Estructura y morfología de películas de pm-si:h crecidas por PECVD variando la dilución de diclorosilano con hidrógeno y la presión de trabajo

Hydrogenated polymorphous silicon (pm-Si:H) is an attractive material for applications in the photovoltaic industry as it has optoelectronic properties similar to amorphous silicon (a-Si:H), which is the material currently used, and better stability to prolonged exposure to solar radiation. In this work we report experimental results of structural and morphological characterization of pm-Si:H films in terms of grain size and crystalline fraction obtained by Raman spectroscopy studies and the analysis of surface roughness with atomic force microscopy.
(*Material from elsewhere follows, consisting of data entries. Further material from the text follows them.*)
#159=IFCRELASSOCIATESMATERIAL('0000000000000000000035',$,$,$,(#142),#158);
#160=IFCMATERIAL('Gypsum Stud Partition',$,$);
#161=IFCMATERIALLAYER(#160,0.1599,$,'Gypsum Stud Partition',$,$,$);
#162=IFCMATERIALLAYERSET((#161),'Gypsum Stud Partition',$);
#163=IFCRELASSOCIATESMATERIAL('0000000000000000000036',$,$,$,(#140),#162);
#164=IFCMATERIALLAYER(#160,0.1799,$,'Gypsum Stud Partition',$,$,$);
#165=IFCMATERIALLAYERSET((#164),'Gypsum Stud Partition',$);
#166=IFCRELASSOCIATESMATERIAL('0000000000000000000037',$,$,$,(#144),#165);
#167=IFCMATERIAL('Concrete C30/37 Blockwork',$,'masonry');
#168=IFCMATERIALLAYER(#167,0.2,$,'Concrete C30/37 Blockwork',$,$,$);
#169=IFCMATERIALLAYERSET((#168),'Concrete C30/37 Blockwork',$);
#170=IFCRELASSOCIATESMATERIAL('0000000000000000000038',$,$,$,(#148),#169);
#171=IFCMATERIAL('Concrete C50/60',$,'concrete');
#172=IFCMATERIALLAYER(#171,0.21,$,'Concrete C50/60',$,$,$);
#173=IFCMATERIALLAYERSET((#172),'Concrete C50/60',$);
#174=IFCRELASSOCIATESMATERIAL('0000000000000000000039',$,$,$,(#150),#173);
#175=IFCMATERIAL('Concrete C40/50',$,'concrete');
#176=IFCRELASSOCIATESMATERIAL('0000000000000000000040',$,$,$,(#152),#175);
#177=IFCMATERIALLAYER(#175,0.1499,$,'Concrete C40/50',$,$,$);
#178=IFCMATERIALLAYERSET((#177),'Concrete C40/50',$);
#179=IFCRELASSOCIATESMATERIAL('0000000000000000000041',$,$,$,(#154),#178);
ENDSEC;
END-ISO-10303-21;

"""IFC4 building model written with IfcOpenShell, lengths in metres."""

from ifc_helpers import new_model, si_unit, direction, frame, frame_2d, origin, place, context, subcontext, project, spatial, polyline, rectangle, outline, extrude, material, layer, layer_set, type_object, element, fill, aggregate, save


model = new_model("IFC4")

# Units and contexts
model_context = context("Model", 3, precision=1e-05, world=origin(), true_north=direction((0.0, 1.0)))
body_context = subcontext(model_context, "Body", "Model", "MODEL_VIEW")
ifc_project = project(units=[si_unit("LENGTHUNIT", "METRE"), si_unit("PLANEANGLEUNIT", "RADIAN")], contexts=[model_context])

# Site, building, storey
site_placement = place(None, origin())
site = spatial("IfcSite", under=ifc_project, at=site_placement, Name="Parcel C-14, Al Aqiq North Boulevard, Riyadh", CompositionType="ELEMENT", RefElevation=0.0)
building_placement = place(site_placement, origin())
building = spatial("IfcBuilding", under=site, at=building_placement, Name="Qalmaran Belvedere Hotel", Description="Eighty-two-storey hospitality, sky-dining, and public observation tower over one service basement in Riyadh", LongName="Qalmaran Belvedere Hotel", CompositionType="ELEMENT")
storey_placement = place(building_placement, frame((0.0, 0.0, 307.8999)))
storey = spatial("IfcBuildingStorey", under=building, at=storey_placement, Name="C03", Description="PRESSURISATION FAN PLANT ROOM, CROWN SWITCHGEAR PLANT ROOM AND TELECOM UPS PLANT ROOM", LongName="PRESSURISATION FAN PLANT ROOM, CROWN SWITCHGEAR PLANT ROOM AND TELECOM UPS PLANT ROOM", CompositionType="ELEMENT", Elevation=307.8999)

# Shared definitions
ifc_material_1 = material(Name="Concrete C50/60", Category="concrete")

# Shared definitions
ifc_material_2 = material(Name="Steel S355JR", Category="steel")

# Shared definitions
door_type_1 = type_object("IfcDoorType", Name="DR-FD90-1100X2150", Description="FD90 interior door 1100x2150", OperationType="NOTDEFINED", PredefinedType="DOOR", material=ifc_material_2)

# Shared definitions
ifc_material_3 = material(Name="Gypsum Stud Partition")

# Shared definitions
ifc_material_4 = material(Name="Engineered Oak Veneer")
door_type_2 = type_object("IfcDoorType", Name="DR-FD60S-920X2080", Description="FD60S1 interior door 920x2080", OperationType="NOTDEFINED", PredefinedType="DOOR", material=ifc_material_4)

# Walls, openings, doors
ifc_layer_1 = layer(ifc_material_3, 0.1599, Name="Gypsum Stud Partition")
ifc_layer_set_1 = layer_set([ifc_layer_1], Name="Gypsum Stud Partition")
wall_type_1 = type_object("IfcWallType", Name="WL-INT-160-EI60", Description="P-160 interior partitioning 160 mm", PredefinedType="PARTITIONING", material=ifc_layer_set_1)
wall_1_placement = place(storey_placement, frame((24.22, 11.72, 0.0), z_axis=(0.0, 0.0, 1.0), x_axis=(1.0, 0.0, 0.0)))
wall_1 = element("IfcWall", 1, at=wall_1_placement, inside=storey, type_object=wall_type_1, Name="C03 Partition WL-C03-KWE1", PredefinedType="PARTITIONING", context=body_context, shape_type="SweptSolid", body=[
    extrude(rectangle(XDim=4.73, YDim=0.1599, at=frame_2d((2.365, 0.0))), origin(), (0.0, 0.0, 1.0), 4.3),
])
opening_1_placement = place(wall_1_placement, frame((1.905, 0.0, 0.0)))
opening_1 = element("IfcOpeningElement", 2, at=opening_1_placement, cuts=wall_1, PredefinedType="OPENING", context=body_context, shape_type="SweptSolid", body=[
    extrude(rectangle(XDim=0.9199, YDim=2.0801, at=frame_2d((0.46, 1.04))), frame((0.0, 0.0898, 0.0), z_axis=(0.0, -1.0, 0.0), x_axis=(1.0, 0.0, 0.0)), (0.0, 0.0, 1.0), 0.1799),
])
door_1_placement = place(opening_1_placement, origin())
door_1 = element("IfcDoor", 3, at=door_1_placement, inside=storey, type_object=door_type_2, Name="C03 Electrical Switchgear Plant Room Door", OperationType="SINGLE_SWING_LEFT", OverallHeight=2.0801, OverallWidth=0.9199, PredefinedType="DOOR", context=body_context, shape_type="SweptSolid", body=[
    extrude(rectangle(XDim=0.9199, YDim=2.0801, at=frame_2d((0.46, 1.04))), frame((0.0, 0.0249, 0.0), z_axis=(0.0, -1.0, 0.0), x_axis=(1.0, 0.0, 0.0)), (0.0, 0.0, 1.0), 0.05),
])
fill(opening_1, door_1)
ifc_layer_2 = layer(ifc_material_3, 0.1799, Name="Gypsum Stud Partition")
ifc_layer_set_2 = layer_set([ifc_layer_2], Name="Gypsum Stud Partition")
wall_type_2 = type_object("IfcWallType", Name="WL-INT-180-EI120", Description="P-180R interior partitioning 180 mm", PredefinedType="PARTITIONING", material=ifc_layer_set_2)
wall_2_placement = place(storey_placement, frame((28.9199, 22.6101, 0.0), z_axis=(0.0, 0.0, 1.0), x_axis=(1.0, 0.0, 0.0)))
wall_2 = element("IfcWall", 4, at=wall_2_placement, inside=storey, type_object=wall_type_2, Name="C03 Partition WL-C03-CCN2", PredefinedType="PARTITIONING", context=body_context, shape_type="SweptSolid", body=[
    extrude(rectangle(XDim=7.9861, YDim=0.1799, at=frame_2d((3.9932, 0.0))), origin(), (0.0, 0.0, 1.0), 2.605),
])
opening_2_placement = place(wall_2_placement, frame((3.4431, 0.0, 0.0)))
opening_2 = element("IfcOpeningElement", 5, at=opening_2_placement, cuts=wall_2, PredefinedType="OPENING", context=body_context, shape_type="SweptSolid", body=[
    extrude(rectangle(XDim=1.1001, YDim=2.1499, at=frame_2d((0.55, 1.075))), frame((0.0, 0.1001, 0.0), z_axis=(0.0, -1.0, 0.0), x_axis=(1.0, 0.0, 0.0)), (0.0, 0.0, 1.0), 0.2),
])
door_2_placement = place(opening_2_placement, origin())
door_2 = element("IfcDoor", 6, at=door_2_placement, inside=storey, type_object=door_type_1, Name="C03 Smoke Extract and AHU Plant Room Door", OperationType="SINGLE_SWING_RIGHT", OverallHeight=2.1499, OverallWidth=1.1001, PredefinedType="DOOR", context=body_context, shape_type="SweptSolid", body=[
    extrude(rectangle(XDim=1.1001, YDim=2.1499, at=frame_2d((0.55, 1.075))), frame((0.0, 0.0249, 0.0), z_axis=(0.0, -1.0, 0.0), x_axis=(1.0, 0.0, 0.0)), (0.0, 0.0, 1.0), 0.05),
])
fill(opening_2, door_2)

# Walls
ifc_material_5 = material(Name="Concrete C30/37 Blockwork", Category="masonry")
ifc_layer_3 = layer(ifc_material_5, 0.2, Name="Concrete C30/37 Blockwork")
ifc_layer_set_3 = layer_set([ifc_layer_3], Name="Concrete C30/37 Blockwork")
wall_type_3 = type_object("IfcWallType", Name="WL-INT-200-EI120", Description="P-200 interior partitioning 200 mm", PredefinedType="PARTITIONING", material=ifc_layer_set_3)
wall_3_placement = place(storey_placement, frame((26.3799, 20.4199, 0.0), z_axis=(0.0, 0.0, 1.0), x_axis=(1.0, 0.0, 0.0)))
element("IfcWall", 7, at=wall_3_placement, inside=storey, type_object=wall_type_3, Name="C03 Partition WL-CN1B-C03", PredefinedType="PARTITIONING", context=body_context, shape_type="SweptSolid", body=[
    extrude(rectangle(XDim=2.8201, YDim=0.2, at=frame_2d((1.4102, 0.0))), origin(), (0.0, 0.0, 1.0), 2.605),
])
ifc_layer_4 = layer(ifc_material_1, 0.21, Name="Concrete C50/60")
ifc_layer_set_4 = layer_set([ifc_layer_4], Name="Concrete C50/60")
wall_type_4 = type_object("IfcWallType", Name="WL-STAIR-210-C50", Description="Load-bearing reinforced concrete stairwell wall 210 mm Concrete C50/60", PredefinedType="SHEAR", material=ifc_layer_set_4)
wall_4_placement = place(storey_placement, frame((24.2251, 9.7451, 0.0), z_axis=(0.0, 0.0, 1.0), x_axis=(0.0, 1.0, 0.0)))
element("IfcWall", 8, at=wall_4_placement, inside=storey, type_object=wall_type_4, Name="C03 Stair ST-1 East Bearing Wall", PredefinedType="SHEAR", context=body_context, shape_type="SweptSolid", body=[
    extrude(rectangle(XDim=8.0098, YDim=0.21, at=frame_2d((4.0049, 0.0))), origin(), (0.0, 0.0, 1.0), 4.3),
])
The films were obtained by PECVD under conditions of generation of nano-crystalline silicon inclusions embedded in an amorphous silicon matrix. Changes in pressure of the reactor chamber (250 and 500 mTorr) and variations in the dilution of the silicon precursor gas (SiH₂Cl₂) with hydrogen (H₂) (flow rates of 25, 50, 75 and 100 sccm) modified the nanocrystals size and the crystalline fraction. The morphological analysis showed that for 25 sccm of H₂ there is a difference of 8 nm in the RMS roughness between both pressures, while for the other flows of H2 the same RMS roughness (2 to 3 nm) was obtained. These results are very important because the optoelectronic properties of materials depend on the size and density of nanocrystals and the roughness analysis helps determine the growth conditions to produce high quality interfaces for application of the material in photovoltaic devices.